Wednesday, December 26, 2012

Pomes. Bullwinkle and Kerouac.

Now and again I'll buy an old comic book for no good reason. I guess I bought this one because I loved the Bullwinkle cartoons when I was a kid. And I love the Bullwinkle cartoons now. Jay Ward was one of the most talented animators to work in the days of what we call "limited animation". This was when it was just way too expensive to produce cartoons with old full animation. It's a very labor intensive product to have animators drawing and inking and coloring so many cels per minute of cartoon. So animators had to make do with less. What the best of them lacked in fluid animation they made up for by telling good yarns and drawing exceptionally funny characters.

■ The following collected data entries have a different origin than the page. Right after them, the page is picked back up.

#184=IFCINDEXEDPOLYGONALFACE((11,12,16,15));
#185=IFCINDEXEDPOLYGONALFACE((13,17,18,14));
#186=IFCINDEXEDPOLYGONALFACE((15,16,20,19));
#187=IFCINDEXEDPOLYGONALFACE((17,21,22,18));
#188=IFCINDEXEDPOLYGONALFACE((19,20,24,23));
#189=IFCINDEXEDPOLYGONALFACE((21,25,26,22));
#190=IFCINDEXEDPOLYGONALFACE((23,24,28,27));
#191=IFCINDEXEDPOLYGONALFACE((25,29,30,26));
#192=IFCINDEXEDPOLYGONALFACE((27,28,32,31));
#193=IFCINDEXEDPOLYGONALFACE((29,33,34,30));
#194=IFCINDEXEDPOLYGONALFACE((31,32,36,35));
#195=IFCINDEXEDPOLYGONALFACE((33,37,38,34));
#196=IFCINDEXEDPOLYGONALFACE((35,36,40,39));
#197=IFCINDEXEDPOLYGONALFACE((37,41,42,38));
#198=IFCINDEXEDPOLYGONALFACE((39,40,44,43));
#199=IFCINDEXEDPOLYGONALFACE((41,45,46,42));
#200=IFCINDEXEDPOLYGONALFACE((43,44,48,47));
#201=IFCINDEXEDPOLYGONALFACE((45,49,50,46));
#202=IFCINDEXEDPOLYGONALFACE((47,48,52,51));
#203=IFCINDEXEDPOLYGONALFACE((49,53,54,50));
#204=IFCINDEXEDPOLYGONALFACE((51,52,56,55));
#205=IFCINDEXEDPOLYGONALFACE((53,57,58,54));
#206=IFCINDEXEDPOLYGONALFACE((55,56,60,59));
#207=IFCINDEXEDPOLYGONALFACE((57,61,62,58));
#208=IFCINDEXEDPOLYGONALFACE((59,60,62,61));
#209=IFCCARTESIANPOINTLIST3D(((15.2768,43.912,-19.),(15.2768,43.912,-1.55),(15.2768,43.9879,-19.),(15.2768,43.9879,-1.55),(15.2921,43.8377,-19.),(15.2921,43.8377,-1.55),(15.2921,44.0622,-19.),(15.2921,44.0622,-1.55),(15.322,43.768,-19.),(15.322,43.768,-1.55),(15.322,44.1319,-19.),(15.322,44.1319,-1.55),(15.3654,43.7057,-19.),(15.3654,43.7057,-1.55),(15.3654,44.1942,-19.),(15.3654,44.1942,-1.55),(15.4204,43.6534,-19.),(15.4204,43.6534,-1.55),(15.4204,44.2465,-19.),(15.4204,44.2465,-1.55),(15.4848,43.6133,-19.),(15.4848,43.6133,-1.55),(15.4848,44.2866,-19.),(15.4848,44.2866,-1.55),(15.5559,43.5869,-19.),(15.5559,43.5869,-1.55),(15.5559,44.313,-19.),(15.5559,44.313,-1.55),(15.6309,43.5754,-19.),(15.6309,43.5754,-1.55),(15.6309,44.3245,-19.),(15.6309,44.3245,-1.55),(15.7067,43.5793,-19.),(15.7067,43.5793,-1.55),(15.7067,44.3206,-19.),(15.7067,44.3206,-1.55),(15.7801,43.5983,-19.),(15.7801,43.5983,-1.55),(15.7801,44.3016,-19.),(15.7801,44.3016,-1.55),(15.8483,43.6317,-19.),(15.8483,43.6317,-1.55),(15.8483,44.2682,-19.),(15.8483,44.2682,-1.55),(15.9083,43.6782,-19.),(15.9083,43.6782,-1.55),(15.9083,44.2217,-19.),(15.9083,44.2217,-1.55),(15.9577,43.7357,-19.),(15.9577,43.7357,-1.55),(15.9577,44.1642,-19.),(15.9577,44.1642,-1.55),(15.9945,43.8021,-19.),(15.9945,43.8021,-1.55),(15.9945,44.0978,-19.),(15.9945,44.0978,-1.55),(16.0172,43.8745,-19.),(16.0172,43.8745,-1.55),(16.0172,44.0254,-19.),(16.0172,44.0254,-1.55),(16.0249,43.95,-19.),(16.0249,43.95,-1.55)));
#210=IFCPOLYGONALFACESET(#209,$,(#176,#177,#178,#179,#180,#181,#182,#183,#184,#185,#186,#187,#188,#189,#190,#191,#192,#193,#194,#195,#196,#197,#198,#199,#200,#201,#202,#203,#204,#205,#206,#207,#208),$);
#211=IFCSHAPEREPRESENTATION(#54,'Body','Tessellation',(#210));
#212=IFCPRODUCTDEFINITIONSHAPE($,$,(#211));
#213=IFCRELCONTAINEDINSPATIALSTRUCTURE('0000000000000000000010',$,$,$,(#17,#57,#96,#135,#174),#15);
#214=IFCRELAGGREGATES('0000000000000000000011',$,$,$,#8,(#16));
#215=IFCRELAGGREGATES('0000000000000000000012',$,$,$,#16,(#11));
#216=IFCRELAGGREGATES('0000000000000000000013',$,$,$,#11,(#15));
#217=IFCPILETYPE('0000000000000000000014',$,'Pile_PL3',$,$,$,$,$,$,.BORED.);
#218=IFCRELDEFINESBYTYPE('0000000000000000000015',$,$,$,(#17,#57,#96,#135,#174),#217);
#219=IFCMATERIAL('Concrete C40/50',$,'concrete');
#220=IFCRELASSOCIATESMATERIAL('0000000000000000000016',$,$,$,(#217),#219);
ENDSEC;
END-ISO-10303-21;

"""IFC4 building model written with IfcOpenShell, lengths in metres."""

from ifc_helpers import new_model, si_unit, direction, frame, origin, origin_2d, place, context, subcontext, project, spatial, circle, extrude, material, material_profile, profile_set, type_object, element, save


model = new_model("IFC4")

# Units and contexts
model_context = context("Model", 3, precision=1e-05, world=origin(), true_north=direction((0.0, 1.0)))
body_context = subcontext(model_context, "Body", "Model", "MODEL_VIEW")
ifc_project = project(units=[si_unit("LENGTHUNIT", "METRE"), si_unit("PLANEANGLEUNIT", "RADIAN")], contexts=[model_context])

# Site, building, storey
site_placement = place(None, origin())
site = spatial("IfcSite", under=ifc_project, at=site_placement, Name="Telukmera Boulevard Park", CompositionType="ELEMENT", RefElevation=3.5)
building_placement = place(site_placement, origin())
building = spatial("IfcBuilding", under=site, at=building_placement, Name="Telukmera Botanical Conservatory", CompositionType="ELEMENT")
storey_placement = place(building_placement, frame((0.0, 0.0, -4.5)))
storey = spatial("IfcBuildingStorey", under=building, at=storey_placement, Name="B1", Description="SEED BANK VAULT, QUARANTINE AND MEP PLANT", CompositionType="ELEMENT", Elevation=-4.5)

Enter Jay Ward. His cartoons are funny to everyone. Kids laugh at them. Grownups laugh at them. He was exceptional at slipping in-jokes past the censors. Among the creations of his studio were, of course, Rocky & Bullwinkle, Crusader Rabbit, Dudley Do Right, George of the Jungle, Tom Slick, Super Chicken, and (my favorite) Roger Ramjet.

I picked up this comic on a whim. I'd never seen one--or had seen it so long ago that I'd forgotten about it. Mainly, I was curious if the writing was going to be similar to that of the cartoon. There must have been some input from Jay Ward Productions, because the stories are indeed quite funny. The kind of thing I'd expect to have seen and heard in a Jay Ward cartoon.

It's in pretty good condition, and I'm glad I picked it up. I only paid a few dollars for it. Into the collection it goes.


Even the back covers of many Dell Comic books had simple stories on them.


2 comments:

Henry R. Kujawa said...

The one BULLWINKLE comic I had as a kid was where he supposedly inherited an old (haunted!) mansion in Mooslevania. The main story was serialized throughout the comic, interspersed with other stories, just like on the TV show. As a kid, it took me "forever" to read all the way thru the thing! So of course, I loved it. It wasn't just a comic-- it was like an "event".

James Robert Smith said...

I wonder which issue that was. Could it have been one of the giant-size comics?